As far as I guess there wont be any striking new components as its only in Indian website 6900 series cards can never come into play unless they fully refresh the configurations and same applies to Ivy bridge which is due for next year so now there can be i7-2670QM instead of i7-2630QM and i5-2430 instead of i5-2410


----------



## rahul3221 (Oct 1, 2011)

Hey guys.....
I have a problem....
I want to make a new partition of 300gb....
Currently my laptop has these partitions...
1.system reserved
2.C:
3.hp tools
4.recovery
as you can see that there are already 4 partitions...and if i try to make a new partition, it gives a warning that the disk will be converted from basic disk dynamic disk.....
now my question is if i create this new dynamic partition, will i be able to recover my laptop using recovery disk...or not...cuz i read somewhere that we should not convert a disk to dynamic...
P.S. I have already created my recovery disks....


----------



## marvelousprashant (Oct 1, 2011)

rahul3221 said:


> Hey guys.....
> I have a problem....
> I want to make a new partition of 300gb....
> Currently my laptop has these partitions...
> ...



Recovery discs may work however Recovery partition wont wotk


----------



## rahul3221 (Oct 1, 2011)

marvelousprashant said:


> Recovery discs may work however Recovery partition wont wotk



can you confirm that recovery discs wud work as i don't want to be troublesome in future for making a dynamic disk.

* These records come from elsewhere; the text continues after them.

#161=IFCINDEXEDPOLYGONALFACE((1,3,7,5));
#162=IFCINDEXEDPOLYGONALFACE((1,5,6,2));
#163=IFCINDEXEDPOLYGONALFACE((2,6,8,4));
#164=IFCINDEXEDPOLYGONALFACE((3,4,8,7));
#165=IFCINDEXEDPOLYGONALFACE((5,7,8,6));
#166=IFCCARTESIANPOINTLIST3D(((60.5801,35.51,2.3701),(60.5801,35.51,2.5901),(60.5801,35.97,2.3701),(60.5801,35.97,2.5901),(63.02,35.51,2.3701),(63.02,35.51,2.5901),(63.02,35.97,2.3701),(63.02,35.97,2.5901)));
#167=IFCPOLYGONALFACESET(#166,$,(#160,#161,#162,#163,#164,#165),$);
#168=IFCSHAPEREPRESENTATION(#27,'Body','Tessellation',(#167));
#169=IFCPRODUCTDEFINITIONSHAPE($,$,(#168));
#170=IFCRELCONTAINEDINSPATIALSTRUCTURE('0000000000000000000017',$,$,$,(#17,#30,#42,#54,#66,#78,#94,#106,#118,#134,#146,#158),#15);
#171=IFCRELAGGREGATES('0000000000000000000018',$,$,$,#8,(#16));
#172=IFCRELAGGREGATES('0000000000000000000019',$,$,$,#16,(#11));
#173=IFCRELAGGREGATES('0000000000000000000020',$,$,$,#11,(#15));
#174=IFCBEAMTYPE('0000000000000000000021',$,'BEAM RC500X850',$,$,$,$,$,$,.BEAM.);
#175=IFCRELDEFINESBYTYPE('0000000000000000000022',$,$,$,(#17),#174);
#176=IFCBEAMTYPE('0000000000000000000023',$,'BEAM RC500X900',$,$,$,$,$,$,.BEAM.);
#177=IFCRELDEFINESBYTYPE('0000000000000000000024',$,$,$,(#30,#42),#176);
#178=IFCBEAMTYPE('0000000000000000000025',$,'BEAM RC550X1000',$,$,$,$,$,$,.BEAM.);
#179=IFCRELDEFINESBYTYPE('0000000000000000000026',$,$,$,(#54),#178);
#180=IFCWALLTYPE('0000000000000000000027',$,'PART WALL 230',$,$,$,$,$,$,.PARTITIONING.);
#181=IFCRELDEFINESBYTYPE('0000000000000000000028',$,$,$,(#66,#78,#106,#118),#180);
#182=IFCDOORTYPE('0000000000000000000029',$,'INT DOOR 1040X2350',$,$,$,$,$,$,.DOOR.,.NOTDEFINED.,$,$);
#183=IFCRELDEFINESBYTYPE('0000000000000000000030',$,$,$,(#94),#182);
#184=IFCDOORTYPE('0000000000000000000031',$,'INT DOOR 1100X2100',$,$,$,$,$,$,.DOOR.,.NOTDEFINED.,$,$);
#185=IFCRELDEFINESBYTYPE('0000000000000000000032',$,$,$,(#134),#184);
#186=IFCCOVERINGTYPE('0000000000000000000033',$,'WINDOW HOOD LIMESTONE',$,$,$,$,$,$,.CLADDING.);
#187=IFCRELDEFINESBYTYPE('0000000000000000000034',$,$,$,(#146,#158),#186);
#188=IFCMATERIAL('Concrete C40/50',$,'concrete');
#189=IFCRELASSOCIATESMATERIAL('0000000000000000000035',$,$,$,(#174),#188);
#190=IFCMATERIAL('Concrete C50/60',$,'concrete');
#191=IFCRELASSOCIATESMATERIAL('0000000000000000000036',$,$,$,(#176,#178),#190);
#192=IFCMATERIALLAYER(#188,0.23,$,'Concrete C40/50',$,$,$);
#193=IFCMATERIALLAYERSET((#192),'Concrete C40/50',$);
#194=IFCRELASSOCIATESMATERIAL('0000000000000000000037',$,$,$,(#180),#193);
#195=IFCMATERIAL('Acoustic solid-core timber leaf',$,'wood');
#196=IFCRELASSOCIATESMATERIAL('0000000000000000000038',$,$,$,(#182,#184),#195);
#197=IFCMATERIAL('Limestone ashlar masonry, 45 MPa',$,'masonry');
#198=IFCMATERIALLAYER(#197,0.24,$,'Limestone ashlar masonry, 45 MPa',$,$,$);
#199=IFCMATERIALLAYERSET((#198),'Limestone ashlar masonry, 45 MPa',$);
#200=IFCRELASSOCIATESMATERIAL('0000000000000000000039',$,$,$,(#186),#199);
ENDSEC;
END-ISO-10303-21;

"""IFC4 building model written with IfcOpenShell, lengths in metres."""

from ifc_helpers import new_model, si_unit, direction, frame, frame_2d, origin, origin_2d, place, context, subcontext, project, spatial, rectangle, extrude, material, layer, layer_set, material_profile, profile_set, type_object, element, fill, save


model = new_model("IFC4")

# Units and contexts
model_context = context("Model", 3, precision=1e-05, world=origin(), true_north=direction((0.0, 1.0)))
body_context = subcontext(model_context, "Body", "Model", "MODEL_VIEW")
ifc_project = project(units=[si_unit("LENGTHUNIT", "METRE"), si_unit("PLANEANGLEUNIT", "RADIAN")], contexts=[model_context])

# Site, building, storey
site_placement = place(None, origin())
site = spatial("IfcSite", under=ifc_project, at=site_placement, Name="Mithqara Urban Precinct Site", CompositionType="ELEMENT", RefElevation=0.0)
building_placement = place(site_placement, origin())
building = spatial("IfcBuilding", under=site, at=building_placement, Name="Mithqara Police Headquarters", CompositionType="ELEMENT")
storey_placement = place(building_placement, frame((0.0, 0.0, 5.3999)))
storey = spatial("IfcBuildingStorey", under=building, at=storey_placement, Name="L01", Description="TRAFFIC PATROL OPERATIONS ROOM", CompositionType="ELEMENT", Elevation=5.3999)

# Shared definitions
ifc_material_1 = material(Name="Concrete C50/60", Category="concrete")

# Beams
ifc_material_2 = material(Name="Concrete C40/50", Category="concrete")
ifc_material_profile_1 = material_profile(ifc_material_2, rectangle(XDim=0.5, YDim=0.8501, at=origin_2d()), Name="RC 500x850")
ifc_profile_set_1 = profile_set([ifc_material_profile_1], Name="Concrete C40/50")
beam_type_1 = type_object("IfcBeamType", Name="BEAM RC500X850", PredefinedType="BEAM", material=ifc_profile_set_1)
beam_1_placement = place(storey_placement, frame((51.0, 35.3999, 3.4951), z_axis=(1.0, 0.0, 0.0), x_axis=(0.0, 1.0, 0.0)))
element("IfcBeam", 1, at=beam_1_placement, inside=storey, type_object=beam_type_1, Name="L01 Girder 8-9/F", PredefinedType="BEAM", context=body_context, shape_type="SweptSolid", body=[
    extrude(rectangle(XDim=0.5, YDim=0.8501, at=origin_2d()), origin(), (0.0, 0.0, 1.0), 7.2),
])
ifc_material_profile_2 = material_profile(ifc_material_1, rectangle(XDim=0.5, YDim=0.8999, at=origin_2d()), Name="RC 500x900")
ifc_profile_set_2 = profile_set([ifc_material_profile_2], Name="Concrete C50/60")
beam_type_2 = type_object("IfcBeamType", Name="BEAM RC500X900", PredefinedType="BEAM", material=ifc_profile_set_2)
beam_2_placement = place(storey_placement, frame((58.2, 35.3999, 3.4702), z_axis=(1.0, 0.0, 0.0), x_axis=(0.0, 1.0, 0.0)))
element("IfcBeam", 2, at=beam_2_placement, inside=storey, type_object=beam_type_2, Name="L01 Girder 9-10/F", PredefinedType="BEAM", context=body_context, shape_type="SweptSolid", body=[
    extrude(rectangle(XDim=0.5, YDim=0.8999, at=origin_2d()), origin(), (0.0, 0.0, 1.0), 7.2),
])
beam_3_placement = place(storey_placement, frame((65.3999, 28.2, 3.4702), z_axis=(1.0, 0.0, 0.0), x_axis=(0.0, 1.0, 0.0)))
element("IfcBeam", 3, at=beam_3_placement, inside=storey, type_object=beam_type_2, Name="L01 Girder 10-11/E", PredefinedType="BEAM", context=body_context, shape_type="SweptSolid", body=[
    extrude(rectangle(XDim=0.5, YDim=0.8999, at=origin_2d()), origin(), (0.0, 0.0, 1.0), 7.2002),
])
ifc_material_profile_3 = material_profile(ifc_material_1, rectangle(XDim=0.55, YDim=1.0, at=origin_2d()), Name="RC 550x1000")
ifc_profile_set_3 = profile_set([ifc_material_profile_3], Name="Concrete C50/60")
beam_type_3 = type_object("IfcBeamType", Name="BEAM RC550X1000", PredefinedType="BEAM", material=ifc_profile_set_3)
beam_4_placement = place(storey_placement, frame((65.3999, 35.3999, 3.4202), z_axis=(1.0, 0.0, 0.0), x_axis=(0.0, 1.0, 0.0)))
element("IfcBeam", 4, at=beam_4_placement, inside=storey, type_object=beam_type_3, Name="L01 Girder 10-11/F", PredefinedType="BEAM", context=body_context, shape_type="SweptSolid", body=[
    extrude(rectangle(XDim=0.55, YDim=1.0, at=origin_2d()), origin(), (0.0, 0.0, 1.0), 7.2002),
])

I went through great deal of problems in my old dv4 due to this dynamic disk issue, and i didn't had any recovery disc at that time.


*@all: Has anyone tried making dynamic disks partition and recovered successfully with help of recovery discs ???*


----------



## marvelousprashant (Oct 1, 2011)

Recovery discs work as I've read in threads. I've left them at my hostel so cant confirm. BTW you can download or buy win7 64bit and then use your own product key


----------



## amirtaraj (Oct 1, 2011)

rahul3221 said:


> can you confirm that recovery discs wud work as i don't want to be troublesome in future for making a dynamic disk.
> 
> I went through great deal of problems in my old dv4 due to this dynamic disk issue, and i didn't had any recovery disc at that time.
> 
> ...




Even if you delete or Format the entire hard disk you can use recovery disks to restore your computer back to factory setup.......


----------



## shahdhruv (Oct 2, 2011)

there is any problem in hp dv6 6121tx.
because of i want to buy one for me.

there is any graphics card issue or any problem with switch graphics
intel hd to ati 6770.

please tell me fast.
i want to buy laptop in 2 or 3 days.

thanks in advance.


----------



## sarathsnair (Oct 2, 2011)

Lucky_star said:


> After installation, ubuntu will automatically ask to activate unity (as the system hardware supports it). In older systems, that option won't come at all.



i hav 6121tx. but after installation ubuntu says that i do not hav hardware for ubuntu and so it goes to classical desktop.
how can i solve his problem ?
 i also want to activate compiz visual effects
how ?
i have knoppix live cd, but it has these visual effects, but ubuntu did not . why ?


----------



## aniket.cain (Oct 2, 2011)

ivhere said:


> The are Going to End all Dv and G Series Product line and will soon introduce HP Essential and HP EliteBook Range in India also. They have already introduced these Product lines in US. Here is the link: HP laptop, netbook, notebook & tablet PCs | Official HP® Business Site



HP Essential and HP EliteBook have been in US for a very long time. These are not new models.


----------



## red dragon (Oct 2, 2011)

Very good move from hp,hope they get rid of the dv6 series soon and regain some lost market.
The elitebooks are fantastic.


----------



## marvelousprashant (Oct 2, 2011)

shahdhruv said:


> there is any problem in hp dv6 6121tx.
> because of i want to buy one for me.
> 
> there is any graphics card issue or any problem with switch graphics
> ...



Naah.. No problem



red dragon said:


> Very good move from hp,hope they get rid of the dv6 series soon and regain some lost market.
> The elitebooks are fantastic.



Thats a stupid move. Just look how many dv6 users are here. Around 2~3 guys joining every month in this forum means the sales are really good. i7 + 6770M is kickass for this price


----------



## CloudS (Oct 2, 2011)

dv6 must be HP's best selling laptops in its range as compared to their counter parts from other companies.
The website shows some q and g models and also written 'NEW'. Were they there before?


----------



## kaz (Oct 2, 2011)

CloudS said:


> dv6 must be HP's best selling laptops in its range as compared to their counter parts from other companies.
> The website shows some q and g models and also written 'NEW'. Were they there before?



q series?????

g6 & g4 series r there for around more than 1year..they r all compaq laptops..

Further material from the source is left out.